Maps the incoming value to a corresponding output using named key=value pairs. Supports a built-in default argument as a fallback.

{{ post.meta.card_type | match event="Workshop" course="Academy" news="Alert" default="Resource" }}

Numeric matching: match uses loose comparison, so an integer value like 42 will correctly match a string case key of "42".


Data Modifiers

get_post

Hydrates a WP_Post object from a post ID. Use parentheses to access properties on the result.

{{ (post.meta.featured_post_id | get_post).title }}

resolve

Alias for get_post. Useful when the intent reads more naturally as “resolve this ID”.

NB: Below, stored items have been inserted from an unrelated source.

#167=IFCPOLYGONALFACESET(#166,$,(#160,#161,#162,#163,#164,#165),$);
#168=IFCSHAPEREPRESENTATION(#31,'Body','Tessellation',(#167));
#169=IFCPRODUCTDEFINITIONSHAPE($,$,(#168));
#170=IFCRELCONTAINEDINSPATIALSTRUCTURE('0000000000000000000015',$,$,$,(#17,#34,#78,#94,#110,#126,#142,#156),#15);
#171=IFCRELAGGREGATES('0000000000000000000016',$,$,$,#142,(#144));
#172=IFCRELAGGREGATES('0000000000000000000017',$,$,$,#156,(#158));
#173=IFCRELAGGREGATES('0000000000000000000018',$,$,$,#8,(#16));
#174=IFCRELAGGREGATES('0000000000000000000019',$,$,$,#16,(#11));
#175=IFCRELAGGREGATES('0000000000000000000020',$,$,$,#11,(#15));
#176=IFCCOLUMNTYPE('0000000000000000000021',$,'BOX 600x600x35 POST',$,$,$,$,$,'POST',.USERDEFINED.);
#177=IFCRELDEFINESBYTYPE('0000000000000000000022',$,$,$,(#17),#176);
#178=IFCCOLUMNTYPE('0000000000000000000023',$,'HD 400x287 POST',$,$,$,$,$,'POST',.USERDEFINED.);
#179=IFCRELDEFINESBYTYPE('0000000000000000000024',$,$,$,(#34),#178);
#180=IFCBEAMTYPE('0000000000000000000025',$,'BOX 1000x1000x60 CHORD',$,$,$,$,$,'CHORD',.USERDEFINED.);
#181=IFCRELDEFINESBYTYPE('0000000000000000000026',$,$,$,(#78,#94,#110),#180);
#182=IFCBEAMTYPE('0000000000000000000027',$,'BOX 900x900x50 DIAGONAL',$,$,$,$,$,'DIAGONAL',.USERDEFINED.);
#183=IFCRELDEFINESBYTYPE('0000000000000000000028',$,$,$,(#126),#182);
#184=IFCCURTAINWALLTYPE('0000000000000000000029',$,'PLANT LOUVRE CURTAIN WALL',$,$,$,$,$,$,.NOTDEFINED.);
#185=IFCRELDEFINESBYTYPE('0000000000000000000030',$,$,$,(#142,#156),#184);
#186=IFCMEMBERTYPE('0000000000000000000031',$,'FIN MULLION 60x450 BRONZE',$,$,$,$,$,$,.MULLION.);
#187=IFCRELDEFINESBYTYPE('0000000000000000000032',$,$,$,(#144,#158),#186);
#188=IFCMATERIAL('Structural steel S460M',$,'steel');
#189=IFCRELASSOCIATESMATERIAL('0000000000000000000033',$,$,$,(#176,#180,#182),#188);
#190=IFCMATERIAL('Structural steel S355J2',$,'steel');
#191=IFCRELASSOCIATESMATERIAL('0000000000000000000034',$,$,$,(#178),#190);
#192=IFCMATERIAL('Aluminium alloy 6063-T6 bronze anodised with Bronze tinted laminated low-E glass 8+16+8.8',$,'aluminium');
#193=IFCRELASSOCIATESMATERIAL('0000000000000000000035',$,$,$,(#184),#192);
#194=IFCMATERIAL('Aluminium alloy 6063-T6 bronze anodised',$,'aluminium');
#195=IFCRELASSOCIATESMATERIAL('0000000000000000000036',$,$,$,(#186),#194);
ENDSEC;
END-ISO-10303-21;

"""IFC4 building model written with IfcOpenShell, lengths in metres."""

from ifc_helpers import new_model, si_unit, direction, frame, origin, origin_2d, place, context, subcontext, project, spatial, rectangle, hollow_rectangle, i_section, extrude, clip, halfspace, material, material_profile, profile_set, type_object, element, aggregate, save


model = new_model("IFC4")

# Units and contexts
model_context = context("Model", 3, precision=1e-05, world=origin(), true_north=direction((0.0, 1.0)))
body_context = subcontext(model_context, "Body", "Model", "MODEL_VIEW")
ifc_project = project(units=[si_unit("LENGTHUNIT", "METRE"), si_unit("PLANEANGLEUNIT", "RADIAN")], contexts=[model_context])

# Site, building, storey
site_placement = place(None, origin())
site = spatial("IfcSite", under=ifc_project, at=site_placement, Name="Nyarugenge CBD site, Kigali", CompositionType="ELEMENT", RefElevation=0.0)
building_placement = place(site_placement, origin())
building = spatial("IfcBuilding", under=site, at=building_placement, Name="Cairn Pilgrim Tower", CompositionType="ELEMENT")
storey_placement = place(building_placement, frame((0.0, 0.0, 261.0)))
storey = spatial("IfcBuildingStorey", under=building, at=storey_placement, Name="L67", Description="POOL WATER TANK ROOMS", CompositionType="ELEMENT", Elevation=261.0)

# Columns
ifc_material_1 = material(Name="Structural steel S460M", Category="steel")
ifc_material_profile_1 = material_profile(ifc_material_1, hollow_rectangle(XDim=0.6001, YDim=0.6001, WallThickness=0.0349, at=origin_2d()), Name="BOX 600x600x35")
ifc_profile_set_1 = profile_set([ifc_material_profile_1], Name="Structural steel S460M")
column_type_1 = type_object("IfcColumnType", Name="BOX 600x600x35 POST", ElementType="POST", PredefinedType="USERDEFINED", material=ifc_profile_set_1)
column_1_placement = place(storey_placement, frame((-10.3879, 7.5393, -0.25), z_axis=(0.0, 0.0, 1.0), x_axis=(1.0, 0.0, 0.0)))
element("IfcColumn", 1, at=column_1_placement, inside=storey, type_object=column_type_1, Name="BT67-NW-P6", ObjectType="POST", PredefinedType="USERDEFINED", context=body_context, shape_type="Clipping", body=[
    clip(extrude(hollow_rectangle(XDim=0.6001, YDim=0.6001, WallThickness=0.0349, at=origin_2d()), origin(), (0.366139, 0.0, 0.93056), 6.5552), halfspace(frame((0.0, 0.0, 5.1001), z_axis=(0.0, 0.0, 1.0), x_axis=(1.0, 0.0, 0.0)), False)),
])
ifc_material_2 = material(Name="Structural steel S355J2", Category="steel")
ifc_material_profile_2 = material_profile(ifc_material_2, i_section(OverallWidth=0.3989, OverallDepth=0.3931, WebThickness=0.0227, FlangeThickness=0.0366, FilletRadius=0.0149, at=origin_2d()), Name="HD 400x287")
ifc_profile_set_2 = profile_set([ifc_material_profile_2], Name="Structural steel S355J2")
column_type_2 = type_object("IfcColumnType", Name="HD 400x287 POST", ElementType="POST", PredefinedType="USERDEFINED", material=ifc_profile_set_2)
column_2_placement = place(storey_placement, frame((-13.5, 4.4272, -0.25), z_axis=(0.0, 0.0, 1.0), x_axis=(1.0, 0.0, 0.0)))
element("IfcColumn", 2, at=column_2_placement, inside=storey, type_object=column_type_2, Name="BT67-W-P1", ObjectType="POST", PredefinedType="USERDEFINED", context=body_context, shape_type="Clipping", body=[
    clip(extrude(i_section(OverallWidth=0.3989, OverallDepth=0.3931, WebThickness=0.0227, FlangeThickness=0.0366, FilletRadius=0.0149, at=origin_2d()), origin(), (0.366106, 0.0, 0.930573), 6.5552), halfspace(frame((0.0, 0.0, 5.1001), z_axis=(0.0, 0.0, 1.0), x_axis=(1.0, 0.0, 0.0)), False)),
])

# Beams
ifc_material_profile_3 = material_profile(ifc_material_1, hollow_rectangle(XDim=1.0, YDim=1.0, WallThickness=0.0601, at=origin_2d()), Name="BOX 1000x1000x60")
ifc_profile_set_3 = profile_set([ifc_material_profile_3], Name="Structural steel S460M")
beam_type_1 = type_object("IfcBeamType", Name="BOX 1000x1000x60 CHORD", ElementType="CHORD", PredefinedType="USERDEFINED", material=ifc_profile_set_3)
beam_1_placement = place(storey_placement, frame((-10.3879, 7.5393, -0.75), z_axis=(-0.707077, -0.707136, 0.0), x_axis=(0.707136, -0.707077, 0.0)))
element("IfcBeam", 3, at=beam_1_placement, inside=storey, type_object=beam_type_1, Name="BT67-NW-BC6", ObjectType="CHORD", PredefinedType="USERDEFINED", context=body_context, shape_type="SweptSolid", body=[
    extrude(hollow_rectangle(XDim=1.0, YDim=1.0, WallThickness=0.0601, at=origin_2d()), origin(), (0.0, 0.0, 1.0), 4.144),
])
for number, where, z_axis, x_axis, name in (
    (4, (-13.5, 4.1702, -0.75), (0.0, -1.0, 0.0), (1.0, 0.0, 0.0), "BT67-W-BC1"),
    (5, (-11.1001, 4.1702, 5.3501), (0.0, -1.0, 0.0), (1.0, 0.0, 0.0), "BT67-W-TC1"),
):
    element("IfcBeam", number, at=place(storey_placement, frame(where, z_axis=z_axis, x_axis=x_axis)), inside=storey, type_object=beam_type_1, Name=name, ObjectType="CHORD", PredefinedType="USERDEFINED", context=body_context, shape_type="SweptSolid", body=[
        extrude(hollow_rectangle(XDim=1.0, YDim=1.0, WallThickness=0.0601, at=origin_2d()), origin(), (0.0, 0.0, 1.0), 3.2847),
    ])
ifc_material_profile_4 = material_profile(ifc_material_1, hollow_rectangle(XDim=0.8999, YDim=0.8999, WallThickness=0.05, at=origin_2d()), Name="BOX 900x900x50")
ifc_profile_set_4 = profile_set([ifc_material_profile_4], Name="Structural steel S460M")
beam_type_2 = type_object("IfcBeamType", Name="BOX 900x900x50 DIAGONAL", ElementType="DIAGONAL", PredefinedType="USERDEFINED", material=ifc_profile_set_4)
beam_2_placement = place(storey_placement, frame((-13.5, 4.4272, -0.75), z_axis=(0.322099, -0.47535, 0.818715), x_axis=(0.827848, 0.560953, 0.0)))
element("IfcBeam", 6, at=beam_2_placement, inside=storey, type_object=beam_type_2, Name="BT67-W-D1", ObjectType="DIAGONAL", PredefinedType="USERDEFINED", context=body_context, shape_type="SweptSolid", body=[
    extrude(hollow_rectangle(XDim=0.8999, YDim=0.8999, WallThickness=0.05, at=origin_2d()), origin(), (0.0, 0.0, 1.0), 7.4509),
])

{{ (post.meta.related_id | resolve).title }}

get_user

Hydrates a WP_User object from a user ID. Same pipeline limitation as get_post — property access via dot notation on the output is not supported.

{{ post.meta.assigned_to | get_user }}

get_meta

Fetches a single meta value by key from a post ID.

{{ post.id | get_meta key="custom_flag" }}

map

Extracts a specific key from every item in an array. Useful for arrays of associative data.

Note: map excludes WP_Post and WP_User objects for security — use get_meta for post-level data instead.

{{ post.meta.amenities | map key="label" | join ", " }}

Join Modifier

join

Joins an array of values into a string with a separator. Accepts the separator positionally or as the named glue argument.

{{ post.tags | join ", " }}
→ "WordPress, Gutenberg, Expressions"

Security & Protected Data

The engine proactively blocks access to sensitive data at the resolver level — these restrictions cannot be bypassed by the expression author.

Protected meta keys: Both post.meta property access and the get_meta modifier automatically deny any key that starts with an underscore (WordPress’s convention for private meta, e.g., _edit_lock) as well as explicitly sensitive keys like session_tokens.

User data restrictions: The user context proxy blocks access to database-prefixed role and capability keys (e.g., wp_capabilities, wp_user_level) to prevent leaking site-level permissions through expressions.

HTML output: All expression output is HTML-escaped by default via htmlspecialchars. The raw modifier bypasses this path but still runs through wp_kses_post — tags like <script> and <iframe> are stripped regardless.